The vast majority are willing to sell themselves into bondage for the chance
to use the newest, shiniest technology.

This is why, now that I'm the BOFH, I force my politics on my users.

My company bans microsoft products connected to (W)LAN, and intentionally
breaks our intranet sites on anything but Gecko or (Gtk/Qt)Webkit browsers.
Chrome redirects to a blank web page with the word "no" on it, as does any
browser identifying with a Microsoft OS on it. All outbound traffic is routed
through a Tor proxy by default.

If they're too complacent to switch, I can stop their herpes from spreading to
networks I control. The effect has been wider adoption of Firefox, and the
occasional question about why Google is in Dutch.

------
bmer
I feel like this is kind of...overblown? Maybe I am wrong, but in any case,
here's the general gist of what GameDVR is: [http://support.xbox.com/en-
CA/xbox-on-windows/social/record-...](http://support.xbox.com/en-CA/xbox-on-
windows/social/record-game-clips-game-dvr-windows-10)

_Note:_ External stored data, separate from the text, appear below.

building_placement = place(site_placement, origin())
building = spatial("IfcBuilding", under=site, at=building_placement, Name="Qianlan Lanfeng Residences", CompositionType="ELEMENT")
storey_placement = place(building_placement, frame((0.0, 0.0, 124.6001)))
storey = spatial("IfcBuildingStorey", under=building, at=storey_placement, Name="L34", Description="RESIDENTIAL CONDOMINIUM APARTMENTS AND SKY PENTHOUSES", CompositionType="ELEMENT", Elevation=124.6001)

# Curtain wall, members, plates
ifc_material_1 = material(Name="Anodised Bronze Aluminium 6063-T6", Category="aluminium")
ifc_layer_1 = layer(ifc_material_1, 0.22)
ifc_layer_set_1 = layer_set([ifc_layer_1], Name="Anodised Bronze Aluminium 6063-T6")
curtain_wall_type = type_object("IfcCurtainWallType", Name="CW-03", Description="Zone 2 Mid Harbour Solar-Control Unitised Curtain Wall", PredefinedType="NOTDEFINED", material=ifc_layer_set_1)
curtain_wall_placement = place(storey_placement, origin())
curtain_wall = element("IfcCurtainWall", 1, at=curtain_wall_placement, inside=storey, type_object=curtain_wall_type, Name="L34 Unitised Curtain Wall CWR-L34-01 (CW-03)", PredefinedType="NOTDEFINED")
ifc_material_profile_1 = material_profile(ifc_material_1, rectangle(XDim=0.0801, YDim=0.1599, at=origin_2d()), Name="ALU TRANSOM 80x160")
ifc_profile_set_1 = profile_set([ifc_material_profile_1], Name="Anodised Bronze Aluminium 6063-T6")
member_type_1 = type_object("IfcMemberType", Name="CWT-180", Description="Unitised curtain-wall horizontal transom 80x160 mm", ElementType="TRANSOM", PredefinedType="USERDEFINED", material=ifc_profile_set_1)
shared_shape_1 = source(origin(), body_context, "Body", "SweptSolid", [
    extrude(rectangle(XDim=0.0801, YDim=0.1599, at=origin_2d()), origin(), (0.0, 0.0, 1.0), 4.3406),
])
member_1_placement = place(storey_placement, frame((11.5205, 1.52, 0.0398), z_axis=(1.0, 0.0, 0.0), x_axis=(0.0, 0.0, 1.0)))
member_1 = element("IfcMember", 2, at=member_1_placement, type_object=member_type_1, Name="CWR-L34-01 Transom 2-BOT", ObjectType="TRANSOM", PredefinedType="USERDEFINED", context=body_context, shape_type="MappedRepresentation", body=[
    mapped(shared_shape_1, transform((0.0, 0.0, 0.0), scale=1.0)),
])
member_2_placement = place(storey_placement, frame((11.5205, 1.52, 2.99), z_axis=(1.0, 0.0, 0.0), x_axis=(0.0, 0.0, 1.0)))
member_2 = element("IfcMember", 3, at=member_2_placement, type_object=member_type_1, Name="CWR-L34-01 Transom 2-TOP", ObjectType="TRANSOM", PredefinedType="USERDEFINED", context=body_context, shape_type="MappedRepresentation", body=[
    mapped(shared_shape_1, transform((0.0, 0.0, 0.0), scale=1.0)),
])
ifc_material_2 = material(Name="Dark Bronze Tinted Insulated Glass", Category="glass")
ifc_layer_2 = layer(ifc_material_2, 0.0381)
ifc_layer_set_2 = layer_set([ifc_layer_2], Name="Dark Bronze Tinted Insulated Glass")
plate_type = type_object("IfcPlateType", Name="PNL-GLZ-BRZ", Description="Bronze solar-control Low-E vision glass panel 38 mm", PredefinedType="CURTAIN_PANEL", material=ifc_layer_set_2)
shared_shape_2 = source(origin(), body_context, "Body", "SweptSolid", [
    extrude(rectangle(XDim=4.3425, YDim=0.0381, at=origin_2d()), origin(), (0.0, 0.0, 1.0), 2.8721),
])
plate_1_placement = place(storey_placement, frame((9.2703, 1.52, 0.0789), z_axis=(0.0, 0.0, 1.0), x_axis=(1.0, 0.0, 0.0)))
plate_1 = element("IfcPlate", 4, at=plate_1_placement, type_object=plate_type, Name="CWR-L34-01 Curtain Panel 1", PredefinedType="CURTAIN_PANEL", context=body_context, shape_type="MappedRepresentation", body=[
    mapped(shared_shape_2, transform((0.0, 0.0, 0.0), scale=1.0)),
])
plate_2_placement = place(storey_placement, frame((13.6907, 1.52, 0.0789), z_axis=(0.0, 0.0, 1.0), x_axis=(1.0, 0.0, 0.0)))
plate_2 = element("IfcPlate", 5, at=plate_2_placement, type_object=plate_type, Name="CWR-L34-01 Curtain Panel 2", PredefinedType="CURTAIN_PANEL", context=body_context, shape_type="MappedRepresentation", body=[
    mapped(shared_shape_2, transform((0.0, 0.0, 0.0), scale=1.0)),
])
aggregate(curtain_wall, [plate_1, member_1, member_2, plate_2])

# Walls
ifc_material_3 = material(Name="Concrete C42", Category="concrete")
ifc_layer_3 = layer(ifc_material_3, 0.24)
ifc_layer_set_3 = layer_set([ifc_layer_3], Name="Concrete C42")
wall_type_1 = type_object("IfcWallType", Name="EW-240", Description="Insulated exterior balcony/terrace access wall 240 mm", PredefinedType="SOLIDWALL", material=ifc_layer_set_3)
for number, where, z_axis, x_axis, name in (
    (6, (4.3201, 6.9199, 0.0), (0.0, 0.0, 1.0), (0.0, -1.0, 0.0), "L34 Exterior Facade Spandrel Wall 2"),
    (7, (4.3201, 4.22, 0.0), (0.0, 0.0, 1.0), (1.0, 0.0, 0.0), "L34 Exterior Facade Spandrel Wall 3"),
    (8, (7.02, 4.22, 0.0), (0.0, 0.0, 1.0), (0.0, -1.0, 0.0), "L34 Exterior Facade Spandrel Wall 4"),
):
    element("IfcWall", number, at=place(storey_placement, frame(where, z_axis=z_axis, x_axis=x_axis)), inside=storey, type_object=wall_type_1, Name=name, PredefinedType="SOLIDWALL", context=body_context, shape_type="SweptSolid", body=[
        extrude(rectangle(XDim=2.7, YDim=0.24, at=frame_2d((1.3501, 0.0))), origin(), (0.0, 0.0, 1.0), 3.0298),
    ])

It basically enables a hotkey to activate screen recording.

So, it's not recording your screen all the time, without your permission? Even
if it was, how is that data managed by Microsoft? That's a LOT of data...so it
doesn't seem believable that MS would be that stupid.

Disclosure: I am not connected to Microsoft in any way (they'd never hire me),
but I am pretty attached to my Windows system. I have used Ubuntu and Debian
for a fair bit, and frankly, there are just too many rough edges. It annoyed
me. Windows on the other hand, has just been getting smoother.

For me, the biggest reason why I couldn't stand Linux OSes was because I had
trouble finding a PDF reader that did all the nice things Adobe Acrobat
Professional does. I have to read through a lot of PDFs for work.

I also do a lot of scientific computation, but it is pretty OS agnostic as I
am not tied to C when using Python+Numba(I am a huge Numba fan).

Appealing (but not something I use) "killer apps" like Vim or Emacs are also
OS independent now, so yeah.

No motivation to go back to Linux.

Even if Microsoft was spying on me, I couldn't really care less, because I am
a no-name nothing. Life's good.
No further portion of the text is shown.